The apply_filters/2 function extracts the :filters from the opts and defaults to an empty list. It then filters the list to ensure that the parameters are in the correct format. The check ensures that only fields that are in the schema are used. If an operator is used it must be one of the supported options. If an element in the list does not meet the criteria it is discarded. The function then uses an Enum.reduce/4 where the Ecto.Query is used as an accumulator. Any alteration of the criteria builds a new Ecto.Query which becomes the updated accumulator.

Applying Sorting

The apply_sorting/2 function is similar.

  defp apply_sorting(query, opts) do
    opts
    |> options(:sort)
    |> Enum.filter(fn {field, direction} -> field in @contacts_fields and direction in @directions end)
    |> Enum.reduce(query, fn {field, direction}, acc ->
      from c in acc, order_by: [{^direction, field(c, ^field)}]
    end)
  end

The function extracts the sort options and defaults to an empty list. It then filters the list to ensure parameters are in the right format. Again, the Ecto.Query is used as the accumulator and sorts added build an updated Ecto.Query accumulator.

Apply Pagination

The final function in the pipeline is apply_pagination. In this case the function will use pagination regardless of whether or not the caller specified :page or :page_size.

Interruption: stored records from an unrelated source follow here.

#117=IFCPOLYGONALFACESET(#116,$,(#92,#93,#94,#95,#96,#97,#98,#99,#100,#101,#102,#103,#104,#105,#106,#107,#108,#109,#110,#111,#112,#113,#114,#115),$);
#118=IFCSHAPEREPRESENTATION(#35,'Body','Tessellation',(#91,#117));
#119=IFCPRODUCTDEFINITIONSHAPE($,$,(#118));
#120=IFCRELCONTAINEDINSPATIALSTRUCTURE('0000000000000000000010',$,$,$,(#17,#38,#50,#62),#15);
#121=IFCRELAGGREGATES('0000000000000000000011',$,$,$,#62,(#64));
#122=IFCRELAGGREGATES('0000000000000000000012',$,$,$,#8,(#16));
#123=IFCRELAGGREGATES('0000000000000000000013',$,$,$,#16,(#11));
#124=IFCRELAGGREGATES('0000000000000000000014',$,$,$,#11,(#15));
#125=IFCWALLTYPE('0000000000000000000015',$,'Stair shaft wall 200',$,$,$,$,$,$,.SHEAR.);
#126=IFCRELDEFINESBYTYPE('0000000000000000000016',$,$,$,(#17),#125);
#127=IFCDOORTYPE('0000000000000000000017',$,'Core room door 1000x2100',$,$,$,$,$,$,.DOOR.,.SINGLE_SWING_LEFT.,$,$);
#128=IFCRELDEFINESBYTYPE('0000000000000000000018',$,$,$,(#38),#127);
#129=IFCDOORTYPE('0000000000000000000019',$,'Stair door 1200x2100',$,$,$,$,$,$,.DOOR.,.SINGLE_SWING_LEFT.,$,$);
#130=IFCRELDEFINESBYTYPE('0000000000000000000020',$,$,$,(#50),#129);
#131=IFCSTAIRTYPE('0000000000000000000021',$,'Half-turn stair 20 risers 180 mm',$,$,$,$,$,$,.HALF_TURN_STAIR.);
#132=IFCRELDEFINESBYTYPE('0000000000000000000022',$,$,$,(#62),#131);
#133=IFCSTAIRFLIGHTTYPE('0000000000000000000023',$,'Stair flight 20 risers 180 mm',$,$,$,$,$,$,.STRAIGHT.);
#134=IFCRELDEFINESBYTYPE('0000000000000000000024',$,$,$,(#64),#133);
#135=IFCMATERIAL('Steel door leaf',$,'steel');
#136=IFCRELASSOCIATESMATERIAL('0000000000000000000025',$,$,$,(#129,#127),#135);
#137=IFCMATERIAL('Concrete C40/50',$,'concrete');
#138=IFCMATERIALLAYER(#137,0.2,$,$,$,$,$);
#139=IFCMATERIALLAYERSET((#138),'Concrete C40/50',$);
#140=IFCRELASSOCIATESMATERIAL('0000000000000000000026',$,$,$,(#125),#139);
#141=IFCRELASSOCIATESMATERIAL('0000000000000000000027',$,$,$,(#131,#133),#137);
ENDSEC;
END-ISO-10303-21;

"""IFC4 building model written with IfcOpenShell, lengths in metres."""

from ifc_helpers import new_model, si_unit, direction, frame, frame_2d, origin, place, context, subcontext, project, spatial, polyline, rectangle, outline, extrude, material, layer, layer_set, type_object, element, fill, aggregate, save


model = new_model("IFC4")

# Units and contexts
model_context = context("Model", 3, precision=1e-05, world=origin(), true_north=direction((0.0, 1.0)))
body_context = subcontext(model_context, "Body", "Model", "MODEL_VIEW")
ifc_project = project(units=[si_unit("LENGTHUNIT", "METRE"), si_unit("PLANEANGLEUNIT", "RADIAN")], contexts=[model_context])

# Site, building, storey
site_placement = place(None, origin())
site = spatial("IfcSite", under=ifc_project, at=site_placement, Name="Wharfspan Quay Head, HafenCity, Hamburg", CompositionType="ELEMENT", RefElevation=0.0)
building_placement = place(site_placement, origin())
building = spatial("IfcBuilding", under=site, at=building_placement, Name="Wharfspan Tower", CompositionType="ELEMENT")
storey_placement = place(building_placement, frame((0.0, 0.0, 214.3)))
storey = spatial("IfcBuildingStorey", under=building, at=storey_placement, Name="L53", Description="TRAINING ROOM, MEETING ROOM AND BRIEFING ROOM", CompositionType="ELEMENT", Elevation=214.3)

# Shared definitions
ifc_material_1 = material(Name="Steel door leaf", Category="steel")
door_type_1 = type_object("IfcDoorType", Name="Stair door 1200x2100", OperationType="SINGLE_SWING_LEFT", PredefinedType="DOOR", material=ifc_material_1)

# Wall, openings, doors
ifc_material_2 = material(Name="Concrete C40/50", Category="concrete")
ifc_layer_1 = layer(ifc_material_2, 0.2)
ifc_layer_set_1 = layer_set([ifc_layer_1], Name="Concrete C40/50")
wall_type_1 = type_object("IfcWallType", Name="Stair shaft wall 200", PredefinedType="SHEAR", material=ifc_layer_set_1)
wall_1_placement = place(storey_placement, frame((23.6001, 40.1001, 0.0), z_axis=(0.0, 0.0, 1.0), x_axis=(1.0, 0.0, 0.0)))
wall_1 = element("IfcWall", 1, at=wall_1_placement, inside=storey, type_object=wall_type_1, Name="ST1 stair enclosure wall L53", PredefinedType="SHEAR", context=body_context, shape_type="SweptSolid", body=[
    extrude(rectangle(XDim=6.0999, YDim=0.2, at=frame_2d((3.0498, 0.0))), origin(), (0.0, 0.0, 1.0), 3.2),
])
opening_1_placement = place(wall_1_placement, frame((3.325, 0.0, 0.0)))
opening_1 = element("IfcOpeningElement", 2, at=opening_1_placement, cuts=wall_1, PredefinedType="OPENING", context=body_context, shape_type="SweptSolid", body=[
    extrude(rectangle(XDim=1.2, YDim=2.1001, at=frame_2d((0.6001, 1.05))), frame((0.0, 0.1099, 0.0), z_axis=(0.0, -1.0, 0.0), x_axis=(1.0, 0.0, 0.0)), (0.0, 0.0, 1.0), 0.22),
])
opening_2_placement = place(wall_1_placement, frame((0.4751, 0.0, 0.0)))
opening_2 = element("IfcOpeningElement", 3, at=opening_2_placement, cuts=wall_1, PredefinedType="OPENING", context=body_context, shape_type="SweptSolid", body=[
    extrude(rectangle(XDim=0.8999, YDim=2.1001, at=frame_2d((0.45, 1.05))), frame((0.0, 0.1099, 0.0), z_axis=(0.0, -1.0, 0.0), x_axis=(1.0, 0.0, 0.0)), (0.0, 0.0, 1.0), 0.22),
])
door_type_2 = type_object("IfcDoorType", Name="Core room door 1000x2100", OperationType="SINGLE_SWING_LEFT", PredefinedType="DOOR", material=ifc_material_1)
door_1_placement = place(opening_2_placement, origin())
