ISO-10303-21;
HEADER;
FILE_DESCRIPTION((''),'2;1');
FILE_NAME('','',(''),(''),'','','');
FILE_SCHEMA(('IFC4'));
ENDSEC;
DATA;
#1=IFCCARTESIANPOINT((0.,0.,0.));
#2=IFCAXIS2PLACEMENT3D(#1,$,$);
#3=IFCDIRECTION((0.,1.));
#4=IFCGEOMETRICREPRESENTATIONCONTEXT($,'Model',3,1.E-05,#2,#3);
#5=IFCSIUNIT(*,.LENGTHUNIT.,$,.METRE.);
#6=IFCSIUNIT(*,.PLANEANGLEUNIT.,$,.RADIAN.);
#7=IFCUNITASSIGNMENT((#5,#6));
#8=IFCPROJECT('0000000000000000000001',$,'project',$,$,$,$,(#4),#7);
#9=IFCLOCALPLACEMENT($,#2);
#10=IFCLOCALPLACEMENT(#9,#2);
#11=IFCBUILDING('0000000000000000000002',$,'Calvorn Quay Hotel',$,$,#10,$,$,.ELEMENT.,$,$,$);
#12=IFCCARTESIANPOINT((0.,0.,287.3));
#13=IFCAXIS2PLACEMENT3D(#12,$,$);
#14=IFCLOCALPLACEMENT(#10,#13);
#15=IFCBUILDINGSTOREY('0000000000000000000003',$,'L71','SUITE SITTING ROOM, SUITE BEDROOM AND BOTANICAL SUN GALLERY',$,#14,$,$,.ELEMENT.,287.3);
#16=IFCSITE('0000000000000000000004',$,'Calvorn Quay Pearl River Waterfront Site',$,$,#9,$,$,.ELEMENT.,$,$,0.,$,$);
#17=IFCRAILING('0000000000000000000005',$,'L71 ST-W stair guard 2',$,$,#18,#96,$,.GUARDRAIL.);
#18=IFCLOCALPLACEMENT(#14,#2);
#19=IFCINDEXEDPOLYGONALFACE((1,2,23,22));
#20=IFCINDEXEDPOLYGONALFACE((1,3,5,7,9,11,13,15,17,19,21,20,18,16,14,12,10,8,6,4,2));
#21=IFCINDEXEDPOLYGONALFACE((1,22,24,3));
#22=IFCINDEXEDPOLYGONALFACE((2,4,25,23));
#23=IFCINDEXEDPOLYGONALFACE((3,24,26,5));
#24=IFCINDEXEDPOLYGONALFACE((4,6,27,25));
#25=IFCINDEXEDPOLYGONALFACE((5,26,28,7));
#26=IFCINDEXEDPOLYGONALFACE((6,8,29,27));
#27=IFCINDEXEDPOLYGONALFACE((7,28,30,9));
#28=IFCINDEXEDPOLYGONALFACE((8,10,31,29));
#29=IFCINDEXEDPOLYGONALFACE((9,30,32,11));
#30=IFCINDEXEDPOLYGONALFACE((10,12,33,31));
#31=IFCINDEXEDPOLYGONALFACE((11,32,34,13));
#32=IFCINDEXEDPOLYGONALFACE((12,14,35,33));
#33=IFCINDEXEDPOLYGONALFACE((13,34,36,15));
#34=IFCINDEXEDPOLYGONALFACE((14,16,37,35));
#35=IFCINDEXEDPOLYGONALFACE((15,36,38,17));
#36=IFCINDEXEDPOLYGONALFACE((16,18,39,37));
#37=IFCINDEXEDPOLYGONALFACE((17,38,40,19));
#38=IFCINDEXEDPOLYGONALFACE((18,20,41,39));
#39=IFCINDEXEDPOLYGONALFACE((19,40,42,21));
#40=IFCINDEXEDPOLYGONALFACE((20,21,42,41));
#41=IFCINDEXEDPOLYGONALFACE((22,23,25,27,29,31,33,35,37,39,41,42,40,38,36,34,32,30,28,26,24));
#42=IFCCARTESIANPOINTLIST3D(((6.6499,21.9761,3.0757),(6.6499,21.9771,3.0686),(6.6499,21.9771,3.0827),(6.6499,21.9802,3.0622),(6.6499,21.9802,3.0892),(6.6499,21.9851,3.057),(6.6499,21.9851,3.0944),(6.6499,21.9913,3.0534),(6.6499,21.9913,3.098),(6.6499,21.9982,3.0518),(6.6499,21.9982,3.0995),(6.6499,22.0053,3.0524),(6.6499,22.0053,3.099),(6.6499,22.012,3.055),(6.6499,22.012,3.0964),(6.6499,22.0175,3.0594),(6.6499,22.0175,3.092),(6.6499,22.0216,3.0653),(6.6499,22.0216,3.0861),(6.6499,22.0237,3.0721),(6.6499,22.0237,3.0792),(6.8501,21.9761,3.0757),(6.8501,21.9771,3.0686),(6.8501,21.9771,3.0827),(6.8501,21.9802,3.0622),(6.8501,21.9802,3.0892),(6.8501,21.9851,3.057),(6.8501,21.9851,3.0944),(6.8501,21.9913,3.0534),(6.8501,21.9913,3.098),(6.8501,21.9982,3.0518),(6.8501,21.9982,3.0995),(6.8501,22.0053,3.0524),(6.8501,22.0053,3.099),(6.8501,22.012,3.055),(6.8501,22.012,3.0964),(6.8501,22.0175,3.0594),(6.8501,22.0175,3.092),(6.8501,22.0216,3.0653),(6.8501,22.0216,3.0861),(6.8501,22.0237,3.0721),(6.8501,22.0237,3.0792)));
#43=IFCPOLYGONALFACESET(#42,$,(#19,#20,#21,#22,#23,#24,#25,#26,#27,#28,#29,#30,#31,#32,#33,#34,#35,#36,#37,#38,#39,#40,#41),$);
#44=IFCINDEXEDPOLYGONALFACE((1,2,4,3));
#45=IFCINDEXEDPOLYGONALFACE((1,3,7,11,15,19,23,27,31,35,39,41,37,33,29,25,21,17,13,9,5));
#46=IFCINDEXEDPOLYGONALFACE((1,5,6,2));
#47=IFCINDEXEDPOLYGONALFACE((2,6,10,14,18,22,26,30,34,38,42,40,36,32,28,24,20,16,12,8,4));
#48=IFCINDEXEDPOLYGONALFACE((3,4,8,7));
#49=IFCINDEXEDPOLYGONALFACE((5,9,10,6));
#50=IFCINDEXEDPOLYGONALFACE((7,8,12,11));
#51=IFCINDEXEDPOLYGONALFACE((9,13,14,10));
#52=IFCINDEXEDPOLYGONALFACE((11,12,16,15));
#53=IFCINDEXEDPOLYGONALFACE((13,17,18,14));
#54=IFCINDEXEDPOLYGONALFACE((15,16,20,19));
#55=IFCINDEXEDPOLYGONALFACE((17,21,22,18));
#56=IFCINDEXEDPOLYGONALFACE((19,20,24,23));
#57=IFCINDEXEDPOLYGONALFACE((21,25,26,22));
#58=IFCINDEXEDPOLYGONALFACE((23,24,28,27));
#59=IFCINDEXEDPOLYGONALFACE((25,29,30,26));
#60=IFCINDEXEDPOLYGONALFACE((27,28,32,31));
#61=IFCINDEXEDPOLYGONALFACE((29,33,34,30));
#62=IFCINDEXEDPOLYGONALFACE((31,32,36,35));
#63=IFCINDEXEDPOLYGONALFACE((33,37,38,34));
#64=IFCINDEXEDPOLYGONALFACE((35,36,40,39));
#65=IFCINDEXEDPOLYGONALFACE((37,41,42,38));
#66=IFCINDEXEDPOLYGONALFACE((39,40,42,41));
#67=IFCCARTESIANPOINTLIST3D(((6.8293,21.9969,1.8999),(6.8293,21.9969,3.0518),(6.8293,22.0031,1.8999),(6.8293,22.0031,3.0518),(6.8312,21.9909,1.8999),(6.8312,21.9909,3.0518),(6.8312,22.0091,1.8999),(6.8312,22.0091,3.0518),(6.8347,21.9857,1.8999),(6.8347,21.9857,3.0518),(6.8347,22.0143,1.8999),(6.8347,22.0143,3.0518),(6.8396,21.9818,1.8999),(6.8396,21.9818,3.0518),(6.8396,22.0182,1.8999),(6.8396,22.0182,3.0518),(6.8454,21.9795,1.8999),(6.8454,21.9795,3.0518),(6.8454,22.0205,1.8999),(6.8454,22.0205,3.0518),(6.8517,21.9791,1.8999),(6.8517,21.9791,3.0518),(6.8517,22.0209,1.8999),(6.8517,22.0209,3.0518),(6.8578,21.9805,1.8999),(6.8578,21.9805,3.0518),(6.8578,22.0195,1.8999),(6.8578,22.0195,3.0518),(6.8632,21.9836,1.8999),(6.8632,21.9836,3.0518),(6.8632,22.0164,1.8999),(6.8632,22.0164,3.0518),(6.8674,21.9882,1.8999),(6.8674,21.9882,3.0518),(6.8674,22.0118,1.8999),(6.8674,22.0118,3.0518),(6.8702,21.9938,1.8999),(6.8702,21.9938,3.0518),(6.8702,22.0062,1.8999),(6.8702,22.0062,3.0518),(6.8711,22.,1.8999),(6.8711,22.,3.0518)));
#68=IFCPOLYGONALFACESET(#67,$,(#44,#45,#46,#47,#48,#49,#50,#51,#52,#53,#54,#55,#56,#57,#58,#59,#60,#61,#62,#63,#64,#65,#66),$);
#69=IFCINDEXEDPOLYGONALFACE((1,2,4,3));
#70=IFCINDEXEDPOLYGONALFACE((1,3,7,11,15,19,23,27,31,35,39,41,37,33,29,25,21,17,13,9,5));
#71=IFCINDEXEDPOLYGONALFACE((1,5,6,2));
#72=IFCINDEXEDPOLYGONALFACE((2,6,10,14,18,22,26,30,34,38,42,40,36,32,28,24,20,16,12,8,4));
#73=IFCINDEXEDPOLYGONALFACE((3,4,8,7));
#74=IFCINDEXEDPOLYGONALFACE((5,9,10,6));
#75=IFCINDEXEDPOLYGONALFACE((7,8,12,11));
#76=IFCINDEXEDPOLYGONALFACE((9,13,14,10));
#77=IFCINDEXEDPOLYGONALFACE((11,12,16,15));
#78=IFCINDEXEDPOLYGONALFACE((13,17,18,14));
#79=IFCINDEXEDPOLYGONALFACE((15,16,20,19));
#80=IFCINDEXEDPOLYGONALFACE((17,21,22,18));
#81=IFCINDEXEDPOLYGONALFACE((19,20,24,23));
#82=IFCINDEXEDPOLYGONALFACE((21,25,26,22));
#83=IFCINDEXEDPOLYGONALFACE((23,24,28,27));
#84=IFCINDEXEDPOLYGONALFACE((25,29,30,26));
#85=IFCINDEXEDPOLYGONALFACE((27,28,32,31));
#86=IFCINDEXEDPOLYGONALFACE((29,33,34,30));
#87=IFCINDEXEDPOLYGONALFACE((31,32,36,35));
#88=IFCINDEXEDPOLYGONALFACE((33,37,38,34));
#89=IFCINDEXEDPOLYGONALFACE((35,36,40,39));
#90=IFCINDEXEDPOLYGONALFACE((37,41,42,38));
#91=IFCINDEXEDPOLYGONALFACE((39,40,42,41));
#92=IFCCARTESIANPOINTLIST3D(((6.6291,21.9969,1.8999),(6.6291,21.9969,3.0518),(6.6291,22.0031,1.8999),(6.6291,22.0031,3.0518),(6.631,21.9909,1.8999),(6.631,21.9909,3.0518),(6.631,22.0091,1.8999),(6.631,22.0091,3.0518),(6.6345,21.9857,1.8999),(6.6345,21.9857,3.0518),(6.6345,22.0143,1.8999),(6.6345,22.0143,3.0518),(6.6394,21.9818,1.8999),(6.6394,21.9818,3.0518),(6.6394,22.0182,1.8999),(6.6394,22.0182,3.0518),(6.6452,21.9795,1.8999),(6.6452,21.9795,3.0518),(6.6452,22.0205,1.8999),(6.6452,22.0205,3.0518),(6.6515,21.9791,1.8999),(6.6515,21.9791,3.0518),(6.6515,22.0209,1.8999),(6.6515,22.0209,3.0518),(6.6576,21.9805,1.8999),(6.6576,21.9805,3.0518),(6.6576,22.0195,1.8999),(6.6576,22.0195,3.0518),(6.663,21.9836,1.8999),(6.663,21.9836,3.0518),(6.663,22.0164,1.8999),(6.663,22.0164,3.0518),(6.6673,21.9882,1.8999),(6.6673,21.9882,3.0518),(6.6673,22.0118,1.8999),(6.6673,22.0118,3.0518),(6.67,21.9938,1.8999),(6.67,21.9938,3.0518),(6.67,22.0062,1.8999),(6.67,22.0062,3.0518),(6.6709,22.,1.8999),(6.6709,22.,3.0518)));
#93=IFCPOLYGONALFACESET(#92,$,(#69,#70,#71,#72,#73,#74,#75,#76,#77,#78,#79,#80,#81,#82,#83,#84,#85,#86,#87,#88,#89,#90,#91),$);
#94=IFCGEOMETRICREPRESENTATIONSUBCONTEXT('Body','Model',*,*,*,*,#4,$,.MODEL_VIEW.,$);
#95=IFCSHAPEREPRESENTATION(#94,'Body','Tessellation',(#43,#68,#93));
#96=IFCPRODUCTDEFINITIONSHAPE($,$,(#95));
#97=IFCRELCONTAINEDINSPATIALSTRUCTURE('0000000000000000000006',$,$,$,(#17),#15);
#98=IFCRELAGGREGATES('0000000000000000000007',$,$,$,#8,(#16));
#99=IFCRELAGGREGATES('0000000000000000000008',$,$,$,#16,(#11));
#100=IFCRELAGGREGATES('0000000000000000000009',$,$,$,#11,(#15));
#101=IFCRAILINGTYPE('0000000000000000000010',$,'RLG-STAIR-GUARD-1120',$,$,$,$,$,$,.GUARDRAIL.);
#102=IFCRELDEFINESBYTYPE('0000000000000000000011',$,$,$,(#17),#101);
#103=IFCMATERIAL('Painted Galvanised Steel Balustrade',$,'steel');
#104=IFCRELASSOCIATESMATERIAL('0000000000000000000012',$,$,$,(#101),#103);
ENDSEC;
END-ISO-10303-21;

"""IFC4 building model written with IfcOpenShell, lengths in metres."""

from ifc_helpers import new_model, si_unit, direction, frame, origin, origin_2d, place, context, subcontext, project, spatial, circle, extrude, material, type_object, element, save


model = new_model("IFC4")

# Units and contexts
model_context = context("Model", 3, precision=1e-05, world=origin(), true_north=direction((0.0, 1.0)))
body_context = subcontext(model_context, "Body", "Model", "MODEL_VIEW")
ifc_project = project(units=[si_unit("LENGTHUNIT", "METRE"), si_unit("PLANEANGLEUNIT", "RADIAN")], contexts=[model_context])

# Site, building, storey
site_placement = place(None, origin())
site = spatial("IfcSite", under=ifc_project, at=site_placement, Name="Calvorn Quay Pearl River Waterfront Site", CompositionType="ELEMENT", RefElevation=0.0)
building_placement = place(site_placement, origin())
building = spatial("IfcBuilding", under=site, at=building_placement, Name="Calvorn Quay Hotel", CompositionType="ELEMENT")
storey_placement = place(building_placement, frame((0.0, 0.0, 287.3)))
storey = spatial("IfcBuildingStorey", under=building, at=storey_placement, Name="L71", Description="SUITE SITTING ROOM, SUITE BEDROOM AND BOTANICAL SUN GALLERY", CompositionType="ELEMENT", Elevation=287.3)

# Railing
ifc_material_1 = material(Name="Painted Galvanised Steel Balustrade", Category="steel")
railing_type_1 = type_object("IfcRailingType", Name="RLG-STAIR-GUARD-1120", PredefinedType="GUARDRAIL", material=ifc_material_1)
railing_1_placement = place(storey_placement, frame((6.8501, 22.0, 1.8999)))
element("IfcRailing", 1, at=railing_1_placement, inside=storey, type_object=railing_type_1, Name="L71 ST-W stair guard 2", PredefinedType="GUARDRAIL", context=body_context, shape_type="SweptSolid", body=[
    extrude(circle(Radius=0.0239, at=origin_2d()), frame((0.0, 0.0, 1.1758), z_axis=(-1.0, 0.0, 0.0), x_axis=(0.0, -1.0, 0.0)), (0.0, 0.0, 1.0), 0.2002),
    extrude(circle(Radius=0.021, at=origin_2d()), origin(), (0.0, 0.0, 1.0), 1.1519),
    extrude(circle(Radius=0.021, at=origin_2d()), frame((-0.2002, 0.0, 0.0)), (0.0, 0.0, 1.0), 1.1519),
])

save(model, "model.ifc")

  defp apply_pagination(query, opts) do
    page = opts[:page] || 1
    page_size = opts[:page_size] || 10

    query
    |> offset(^((page - 1) * page_size))
    |> limit(^page_size)
  end

Execute Query

The final step is to pass the Ecto.Query to Repo.all to return results. In this case the list contains [%Contact{}, ...].

Problems with this Approach

This is a trivial example. Although it is providing fairly robust capabilities (filters, sorting, pagination) it falls apart if we want to join to other tables (for example, lets assume there’s a phone_numbers table that has a foreign key to contacts to allow a contact to have any number of phone numbers). The reason this probably does not work is that we might want to filter on the phone number (for example, give me all the contacts in area code 678) but there’s no means of indicating what table a filter applies to. There’s a similar situation with sorting. I’ll create another post to indicate how that might be handled.

There is some checking of the parameters provided but there is no notification (logging, telemetry) to indicate that the function received bad input. In most cases you would want to have that. I think it’s generally fine to have the code proceed if the input data can be cleaned up but I’d want to know that some part of the codebase is passing input data that will never work.

Benefits of this Approach

Pipelining to build an Ecto.Query is a powerful tool that lets you write modules that provide filtering, sorting and pagination in a way that is fairly powerful while being easy to read and maintain.